Il senso del migliore fa parte anche della nostra fede. Con Dio possiamo migliorare. Non con botti e colori forti che illuminano il cielo con variopinte sfumature. Piuttosto con un cuore caldo ad attento alle sorprese dell'ordinario. Lì si vive senza illusioni ma con la dura realtà. Essa appare tale perché pretendiamo troppo, fissando lo sguardo su stelle esteriori. Esse sono immense, ma non si possono calare nel mondo.

Appaga, invece, il vedersi dentro; ma è difficile. Perché nell'intimo le contraddizioni sono molte.  Sono soprattutto i limiti e le fragilità che rendono faticosa la vita. Perché non li vogliamo accettare. Vorremmo che non ci fossero, ma sono presenti in ogni istante. Allora per non vivere in continua deprimente dicotomia, è utile fare pace con la fragilità e con il fallimento, tipici del nostro essere uomini.

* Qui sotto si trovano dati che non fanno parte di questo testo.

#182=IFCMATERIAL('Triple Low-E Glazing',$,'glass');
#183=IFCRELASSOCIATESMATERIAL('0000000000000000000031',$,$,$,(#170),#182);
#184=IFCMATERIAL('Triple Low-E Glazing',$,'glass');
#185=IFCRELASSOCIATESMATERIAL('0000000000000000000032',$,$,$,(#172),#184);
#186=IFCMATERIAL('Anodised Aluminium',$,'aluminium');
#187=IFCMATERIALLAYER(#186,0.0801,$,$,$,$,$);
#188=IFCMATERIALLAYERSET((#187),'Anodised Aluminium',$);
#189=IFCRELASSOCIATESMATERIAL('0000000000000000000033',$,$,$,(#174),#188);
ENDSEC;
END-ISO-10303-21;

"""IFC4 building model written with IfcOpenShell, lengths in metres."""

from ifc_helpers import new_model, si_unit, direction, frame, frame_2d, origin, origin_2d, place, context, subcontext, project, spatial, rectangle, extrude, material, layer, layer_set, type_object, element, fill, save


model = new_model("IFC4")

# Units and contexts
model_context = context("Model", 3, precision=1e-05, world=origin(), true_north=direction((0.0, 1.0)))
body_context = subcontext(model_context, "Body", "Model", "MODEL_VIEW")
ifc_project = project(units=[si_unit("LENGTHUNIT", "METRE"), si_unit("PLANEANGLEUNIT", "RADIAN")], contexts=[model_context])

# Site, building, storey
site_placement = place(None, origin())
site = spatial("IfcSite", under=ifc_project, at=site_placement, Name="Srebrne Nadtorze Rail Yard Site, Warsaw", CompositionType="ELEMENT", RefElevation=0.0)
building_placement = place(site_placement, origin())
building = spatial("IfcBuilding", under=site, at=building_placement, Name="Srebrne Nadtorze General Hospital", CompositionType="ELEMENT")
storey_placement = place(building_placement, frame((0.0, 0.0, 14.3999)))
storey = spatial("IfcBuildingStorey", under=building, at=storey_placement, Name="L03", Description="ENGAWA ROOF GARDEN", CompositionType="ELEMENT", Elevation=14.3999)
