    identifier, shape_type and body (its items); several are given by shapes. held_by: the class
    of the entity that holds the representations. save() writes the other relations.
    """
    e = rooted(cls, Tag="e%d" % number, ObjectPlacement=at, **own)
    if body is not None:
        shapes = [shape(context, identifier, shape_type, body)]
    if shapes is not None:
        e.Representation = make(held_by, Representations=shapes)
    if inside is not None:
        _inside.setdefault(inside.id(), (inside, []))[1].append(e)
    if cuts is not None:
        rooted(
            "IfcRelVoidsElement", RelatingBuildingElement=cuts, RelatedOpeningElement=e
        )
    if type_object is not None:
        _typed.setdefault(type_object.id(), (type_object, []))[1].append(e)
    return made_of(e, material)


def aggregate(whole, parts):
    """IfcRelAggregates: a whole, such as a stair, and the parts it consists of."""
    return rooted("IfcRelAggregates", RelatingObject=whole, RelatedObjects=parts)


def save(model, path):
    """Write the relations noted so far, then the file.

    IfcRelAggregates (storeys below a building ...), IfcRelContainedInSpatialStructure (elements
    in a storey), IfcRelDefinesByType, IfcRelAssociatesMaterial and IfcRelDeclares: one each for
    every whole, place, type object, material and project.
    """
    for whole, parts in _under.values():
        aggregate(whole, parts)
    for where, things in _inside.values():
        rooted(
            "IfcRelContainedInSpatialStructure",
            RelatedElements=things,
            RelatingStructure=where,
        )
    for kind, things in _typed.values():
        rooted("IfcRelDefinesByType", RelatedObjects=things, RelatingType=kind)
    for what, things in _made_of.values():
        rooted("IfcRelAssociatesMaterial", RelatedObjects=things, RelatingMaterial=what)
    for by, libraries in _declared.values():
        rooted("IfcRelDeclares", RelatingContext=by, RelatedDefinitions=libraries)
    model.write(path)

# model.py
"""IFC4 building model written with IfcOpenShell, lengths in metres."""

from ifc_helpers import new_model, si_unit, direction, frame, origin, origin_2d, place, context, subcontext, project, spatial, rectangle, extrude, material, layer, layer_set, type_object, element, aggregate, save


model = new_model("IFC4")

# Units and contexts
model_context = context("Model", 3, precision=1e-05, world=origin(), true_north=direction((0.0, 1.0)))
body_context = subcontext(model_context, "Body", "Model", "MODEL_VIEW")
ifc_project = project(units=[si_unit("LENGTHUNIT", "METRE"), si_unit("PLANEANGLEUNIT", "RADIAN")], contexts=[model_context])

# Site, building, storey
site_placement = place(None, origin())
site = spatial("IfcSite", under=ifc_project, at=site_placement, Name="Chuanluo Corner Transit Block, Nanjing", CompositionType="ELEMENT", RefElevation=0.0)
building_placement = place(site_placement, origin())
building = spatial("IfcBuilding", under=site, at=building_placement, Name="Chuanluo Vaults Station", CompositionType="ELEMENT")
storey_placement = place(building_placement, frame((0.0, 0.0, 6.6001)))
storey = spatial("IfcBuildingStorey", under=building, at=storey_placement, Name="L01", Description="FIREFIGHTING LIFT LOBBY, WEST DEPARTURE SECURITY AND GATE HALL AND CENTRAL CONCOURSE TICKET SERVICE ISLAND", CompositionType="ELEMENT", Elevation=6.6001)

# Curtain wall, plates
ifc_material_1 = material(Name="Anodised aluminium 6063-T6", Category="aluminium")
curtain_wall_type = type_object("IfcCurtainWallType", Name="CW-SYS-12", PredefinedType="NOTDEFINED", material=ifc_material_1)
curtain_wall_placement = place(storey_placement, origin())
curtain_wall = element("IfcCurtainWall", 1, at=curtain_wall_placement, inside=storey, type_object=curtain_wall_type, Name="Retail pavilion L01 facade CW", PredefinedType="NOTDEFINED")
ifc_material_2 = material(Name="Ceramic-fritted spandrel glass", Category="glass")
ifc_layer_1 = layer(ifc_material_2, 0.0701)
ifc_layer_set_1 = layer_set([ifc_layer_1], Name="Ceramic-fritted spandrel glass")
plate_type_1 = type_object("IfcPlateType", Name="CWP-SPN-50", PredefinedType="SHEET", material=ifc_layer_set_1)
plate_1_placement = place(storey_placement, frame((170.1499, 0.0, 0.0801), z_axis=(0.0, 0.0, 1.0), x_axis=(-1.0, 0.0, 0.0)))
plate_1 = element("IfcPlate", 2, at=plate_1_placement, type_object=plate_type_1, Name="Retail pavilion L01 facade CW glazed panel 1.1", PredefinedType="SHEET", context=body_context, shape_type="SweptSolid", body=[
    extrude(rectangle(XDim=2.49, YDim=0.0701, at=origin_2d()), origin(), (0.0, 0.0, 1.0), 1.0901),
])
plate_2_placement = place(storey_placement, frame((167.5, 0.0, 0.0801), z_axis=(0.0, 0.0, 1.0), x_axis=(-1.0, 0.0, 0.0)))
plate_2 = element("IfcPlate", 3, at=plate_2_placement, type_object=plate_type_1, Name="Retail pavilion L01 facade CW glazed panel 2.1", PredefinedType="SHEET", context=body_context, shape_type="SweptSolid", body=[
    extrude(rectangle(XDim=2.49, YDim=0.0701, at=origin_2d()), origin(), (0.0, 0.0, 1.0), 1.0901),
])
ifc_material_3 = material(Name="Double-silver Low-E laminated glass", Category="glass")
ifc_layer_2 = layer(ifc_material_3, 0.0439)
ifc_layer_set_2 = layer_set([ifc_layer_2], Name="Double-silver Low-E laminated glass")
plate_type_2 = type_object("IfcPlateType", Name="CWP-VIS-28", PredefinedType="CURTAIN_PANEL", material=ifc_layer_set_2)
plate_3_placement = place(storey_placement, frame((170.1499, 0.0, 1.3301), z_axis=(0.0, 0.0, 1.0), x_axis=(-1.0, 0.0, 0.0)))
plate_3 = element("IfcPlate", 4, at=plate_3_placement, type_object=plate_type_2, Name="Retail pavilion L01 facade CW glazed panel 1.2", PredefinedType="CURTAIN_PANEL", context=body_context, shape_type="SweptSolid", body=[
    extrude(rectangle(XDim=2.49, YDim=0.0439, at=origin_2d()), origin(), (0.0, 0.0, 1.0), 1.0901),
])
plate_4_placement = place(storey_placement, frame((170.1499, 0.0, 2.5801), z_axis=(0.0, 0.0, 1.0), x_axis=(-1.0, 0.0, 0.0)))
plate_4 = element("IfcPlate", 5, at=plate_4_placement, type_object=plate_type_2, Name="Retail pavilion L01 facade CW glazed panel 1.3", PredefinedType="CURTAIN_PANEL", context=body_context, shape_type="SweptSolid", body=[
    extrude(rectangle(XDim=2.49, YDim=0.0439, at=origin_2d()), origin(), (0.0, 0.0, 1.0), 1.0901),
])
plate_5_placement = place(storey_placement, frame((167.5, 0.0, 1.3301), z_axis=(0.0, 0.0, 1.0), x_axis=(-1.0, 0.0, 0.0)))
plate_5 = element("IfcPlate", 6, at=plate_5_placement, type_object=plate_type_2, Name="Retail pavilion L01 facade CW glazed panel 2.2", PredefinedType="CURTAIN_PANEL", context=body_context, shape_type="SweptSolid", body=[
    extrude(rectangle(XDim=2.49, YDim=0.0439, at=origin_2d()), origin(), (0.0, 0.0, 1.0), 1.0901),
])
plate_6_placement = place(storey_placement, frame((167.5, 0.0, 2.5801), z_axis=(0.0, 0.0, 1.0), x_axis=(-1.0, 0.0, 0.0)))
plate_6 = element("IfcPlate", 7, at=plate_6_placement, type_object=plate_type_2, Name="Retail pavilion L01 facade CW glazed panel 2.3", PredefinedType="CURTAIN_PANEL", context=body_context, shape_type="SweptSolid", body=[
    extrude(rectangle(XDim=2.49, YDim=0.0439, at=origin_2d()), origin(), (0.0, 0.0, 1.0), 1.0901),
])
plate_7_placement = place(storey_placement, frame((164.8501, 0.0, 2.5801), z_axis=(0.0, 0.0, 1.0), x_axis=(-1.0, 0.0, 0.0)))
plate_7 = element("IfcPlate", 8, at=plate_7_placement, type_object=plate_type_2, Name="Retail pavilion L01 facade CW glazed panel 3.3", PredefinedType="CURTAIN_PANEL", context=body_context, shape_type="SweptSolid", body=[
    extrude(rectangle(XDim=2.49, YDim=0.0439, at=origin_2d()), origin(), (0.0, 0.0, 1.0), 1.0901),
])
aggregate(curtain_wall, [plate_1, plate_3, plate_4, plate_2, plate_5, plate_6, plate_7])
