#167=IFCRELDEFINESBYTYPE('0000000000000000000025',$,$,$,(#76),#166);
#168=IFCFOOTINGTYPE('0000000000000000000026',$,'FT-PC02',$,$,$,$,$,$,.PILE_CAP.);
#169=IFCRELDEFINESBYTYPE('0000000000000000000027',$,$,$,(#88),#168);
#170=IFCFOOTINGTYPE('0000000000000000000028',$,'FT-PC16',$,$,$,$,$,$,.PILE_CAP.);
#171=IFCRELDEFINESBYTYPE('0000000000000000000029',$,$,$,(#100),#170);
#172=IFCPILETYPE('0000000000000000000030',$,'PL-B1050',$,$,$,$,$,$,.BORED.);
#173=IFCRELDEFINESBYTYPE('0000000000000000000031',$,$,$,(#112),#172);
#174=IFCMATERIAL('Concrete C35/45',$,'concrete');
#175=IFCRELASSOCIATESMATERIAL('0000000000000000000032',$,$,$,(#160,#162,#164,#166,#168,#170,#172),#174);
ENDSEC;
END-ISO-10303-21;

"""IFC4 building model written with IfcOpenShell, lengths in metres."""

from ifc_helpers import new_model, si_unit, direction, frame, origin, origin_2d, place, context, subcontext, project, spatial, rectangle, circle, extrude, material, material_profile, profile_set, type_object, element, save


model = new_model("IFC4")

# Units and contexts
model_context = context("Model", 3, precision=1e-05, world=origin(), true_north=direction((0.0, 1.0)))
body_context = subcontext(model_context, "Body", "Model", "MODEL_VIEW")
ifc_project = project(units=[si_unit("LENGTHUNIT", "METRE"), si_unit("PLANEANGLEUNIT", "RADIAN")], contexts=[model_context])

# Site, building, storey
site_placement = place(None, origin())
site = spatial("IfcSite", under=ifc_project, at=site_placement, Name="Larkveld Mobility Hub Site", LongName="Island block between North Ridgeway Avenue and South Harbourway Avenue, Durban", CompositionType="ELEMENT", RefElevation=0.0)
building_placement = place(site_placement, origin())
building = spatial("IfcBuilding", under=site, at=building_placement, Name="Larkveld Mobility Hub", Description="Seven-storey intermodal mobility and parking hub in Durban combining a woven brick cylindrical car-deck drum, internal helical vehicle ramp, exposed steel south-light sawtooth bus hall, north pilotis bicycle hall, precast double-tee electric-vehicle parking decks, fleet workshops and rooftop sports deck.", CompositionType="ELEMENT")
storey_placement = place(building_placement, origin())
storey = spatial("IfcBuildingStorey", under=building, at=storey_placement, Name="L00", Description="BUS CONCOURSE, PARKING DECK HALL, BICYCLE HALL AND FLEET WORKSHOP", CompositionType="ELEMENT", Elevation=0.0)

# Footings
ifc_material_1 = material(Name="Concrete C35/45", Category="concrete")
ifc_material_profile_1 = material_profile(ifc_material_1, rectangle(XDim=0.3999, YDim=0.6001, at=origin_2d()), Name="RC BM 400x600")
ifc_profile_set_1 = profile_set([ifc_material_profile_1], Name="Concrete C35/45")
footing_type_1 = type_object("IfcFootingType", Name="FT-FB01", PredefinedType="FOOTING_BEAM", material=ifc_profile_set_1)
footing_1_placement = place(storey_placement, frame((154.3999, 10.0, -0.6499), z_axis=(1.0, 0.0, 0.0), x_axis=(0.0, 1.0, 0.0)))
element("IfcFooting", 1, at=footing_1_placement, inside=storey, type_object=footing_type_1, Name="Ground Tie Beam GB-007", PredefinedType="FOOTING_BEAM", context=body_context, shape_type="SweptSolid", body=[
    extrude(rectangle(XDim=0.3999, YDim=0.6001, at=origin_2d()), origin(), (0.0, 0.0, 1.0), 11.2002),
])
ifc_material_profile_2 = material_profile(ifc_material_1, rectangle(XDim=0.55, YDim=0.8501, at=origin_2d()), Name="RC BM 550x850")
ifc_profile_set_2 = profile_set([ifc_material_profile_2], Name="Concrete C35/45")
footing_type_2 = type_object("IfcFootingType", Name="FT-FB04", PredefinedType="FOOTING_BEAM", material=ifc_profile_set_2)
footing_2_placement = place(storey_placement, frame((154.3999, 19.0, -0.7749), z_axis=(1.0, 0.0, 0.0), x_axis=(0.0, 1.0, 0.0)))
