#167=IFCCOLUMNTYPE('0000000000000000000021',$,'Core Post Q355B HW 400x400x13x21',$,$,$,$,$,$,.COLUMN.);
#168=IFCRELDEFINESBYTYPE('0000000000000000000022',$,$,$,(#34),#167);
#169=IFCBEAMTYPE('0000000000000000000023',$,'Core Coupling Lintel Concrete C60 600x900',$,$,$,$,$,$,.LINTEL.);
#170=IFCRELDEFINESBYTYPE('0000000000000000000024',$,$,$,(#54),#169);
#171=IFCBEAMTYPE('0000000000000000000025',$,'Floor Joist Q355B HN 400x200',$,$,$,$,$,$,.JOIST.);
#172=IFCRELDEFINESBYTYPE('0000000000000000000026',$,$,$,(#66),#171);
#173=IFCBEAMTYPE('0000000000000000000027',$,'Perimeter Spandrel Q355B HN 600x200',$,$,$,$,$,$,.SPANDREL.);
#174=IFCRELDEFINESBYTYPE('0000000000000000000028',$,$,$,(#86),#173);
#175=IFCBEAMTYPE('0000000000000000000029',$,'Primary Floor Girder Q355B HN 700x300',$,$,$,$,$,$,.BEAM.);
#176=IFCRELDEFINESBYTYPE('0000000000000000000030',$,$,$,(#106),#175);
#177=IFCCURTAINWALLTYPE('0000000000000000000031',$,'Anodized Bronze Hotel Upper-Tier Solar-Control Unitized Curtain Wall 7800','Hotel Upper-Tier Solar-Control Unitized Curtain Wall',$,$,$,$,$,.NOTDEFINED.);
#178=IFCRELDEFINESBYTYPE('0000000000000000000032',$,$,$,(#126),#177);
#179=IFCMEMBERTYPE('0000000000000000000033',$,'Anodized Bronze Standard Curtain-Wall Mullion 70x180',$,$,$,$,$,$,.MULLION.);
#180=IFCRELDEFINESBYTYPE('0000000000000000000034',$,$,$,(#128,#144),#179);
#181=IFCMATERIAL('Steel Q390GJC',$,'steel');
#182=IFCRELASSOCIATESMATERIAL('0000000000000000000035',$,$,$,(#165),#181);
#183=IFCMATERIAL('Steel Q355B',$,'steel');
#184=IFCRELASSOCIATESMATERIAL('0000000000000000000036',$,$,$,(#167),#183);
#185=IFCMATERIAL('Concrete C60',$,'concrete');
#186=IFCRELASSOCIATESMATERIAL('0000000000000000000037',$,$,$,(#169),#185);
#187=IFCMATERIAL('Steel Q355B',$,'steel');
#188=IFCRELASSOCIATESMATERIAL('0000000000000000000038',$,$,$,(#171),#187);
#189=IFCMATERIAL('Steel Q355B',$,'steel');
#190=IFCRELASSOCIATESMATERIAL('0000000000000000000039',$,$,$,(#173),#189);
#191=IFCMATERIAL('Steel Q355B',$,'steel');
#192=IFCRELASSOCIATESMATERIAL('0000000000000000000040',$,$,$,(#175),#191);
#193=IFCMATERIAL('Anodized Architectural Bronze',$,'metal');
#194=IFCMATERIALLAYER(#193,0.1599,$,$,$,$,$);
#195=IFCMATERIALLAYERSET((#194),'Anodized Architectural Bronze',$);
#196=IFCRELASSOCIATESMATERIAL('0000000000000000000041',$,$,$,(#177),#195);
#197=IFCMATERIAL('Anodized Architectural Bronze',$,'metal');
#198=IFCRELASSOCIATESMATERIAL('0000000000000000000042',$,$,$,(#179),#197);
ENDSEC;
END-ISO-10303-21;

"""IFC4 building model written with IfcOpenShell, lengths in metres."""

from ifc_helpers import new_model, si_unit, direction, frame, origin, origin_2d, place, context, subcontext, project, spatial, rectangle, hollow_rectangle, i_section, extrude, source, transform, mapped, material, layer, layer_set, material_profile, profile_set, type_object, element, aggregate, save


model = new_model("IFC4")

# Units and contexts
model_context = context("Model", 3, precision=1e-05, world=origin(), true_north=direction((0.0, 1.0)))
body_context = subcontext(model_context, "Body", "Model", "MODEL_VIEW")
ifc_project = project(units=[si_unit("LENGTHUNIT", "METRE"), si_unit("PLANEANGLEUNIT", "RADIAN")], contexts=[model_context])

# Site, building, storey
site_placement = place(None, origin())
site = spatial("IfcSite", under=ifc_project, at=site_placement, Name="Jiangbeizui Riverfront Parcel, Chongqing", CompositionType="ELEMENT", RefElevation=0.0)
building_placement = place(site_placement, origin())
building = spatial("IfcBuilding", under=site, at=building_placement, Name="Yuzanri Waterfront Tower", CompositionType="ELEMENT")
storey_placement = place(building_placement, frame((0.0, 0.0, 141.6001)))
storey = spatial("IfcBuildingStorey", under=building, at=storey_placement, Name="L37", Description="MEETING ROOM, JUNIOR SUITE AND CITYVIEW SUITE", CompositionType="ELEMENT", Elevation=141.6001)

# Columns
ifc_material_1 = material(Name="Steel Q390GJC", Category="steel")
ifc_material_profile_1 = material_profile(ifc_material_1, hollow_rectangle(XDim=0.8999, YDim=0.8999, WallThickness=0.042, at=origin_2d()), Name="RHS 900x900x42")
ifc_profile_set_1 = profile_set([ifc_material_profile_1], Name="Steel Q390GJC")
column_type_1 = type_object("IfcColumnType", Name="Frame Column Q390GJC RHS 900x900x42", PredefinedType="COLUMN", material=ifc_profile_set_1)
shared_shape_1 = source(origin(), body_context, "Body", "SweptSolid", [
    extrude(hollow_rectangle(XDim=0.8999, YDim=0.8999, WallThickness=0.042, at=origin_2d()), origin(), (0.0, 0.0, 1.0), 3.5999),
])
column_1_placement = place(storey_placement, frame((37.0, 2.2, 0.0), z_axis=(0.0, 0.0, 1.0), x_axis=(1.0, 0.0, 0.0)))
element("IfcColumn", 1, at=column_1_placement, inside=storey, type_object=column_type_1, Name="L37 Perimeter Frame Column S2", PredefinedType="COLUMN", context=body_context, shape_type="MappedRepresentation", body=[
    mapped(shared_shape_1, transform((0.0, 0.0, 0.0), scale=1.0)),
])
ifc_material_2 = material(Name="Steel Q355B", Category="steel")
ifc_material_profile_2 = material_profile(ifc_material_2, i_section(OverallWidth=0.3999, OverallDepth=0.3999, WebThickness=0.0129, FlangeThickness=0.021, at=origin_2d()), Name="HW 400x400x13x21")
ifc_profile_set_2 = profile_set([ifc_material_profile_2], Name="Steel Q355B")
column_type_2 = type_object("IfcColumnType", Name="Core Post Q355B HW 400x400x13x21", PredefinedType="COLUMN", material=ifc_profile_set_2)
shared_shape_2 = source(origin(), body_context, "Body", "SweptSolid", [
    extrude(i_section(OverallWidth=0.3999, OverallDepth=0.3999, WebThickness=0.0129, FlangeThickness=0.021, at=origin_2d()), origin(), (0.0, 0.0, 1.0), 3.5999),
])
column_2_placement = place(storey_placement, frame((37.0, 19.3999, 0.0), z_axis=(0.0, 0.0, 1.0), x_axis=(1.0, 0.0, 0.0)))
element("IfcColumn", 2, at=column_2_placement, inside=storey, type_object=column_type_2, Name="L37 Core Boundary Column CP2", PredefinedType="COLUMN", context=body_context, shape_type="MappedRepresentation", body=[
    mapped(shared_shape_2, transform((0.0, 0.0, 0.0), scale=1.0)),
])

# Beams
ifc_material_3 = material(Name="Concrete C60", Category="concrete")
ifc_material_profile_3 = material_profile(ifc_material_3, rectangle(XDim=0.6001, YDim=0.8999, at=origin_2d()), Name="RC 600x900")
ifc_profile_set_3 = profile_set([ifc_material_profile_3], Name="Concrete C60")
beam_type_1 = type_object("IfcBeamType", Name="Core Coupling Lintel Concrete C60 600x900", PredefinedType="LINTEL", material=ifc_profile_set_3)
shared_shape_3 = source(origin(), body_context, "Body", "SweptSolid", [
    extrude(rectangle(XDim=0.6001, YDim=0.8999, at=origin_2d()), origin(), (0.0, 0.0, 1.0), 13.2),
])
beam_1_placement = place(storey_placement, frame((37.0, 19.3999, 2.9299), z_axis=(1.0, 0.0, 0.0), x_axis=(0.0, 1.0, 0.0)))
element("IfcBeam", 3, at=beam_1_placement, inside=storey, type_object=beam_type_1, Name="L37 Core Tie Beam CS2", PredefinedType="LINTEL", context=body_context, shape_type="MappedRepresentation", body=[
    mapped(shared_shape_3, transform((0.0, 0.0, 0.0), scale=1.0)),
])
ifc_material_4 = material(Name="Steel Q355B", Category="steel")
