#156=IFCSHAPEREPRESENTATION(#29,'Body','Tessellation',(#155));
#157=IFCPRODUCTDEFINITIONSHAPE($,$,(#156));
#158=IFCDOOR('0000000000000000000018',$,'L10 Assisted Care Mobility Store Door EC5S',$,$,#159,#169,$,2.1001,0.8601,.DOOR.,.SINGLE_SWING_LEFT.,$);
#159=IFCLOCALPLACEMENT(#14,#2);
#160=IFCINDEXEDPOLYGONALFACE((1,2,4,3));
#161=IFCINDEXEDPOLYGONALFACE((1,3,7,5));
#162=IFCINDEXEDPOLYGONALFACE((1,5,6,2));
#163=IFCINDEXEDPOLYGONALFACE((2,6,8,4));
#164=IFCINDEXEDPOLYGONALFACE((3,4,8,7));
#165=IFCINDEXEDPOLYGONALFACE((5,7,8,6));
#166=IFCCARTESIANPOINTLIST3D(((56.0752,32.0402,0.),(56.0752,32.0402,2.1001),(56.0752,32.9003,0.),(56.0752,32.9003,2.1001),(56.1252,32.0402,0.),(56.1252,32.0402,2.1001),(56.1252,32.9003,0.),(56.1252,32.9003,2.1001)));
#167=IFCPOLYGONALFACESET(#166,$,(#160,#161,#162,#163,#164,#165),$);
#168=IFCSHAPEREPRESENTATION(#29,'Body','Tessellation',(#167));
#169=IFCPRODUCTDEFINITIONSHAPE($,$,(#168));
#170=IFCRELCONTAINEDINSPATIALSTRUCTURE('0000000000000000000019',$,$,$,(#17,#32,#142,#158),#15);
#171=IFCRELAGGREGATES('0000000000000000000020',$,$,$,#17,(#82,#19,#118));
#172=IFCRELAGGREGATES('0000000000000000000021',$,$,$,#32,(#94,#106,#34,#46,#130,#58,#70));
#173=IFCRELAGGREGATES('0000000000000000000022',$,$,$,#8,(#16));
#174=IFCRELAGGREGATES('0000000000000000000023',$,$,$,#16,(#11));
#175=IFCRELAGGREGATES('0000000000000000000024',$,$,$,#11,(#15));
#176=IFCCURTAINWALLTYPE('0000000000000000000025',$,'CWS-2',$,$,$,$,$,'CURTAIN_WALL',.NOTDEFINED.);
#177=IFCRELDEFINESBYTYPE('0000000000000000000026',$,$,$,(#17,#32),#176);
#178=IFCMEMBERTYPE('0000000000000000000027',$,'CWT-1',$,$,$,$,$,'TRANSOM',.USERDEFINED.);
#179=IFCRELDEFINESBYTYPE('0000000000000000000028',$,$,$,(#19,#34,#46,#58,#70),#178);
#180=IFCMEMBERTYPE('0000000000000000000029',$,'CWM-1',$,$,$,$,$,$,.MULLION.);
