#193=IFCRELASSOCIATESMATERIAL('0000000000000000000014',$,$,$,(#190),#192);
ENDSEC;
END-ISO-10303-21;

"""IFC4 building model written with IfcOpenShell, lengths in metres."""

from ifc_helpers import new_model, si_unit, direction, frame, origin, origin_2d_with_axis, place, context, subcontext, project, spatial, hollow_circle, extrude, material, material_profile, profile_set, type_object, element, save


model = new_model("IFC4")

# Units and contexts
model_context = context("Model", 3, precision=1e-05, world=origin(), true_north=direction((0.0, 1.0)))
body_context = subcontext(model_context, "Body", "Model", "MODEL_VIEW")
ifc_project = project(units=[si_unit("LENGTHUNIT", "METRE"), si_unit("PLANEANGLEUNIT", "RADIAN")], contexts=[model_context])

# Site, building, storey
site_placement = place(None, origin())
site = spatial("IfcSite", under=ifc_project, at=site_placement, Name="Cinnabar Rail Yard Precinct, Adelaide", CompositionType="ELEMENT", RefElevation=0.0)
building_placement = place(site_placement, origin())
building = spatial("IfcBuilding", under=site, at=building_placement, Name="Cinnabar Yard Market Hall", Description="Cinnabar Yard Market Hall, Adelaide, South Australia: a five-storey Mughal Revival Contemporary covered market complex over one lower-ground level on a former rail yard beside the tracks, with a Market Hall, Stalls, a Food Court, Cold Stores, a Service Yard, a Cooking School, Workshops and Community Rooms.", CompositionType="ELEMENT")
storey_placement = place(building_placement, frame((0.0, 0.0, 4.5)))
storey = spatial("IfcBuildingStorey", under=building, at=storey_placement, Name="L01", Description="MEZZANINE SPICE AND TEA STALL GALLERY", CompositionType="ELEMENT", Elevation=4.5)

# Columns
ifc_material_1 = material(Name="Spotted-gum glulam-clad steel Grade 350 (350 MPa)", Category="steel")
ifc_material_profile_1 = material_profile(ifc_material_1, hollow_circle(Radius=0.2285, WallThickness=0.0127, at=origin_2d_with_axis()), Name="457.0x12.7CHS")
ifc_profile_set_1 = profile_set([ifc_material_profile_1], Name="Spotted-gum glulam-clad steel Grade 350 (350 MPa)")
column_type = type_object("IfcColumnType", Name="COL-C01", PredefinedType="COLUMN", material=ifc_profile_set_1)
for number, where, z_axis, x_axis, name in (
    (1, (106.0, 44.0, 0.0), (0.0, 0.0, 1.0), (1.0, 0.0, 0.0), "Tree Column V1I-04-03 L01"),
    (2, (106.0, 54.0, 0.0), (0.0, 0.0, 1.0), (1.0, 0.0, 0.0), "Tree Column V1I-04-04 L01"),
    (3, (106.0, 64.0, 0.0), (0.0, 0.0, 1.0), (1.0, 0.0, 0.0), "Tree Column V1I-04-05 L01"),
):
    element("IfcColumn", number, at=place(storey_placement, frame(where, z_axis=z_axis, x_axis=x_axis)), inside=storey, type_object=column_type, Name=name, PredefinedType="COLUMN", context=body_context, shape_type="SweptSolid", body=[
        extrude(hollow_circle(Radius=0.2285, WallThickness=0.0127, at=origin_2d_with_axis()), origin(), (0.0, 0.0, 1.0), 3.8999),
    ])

Gesù nella grotta equivale alla fragilità pura. Egli, vero uomo e vero Dio, è totalmente dipendente dagli altri, come ogni pargolo. La paglia è il giaciglio di Gesù. Così la paglia del nostro nulla può essere foriera per un avvenire prospero. Lì dove la paglia si trasforma in sogni realizzati.  Reale è ciò che si chiama per nome. Non le illusioni di un futuro che non sarà mai. Il futuro siamo noi con il positivo del cuore, di quell'amore che sempre si incarna e aiuta a superare le difficoltà.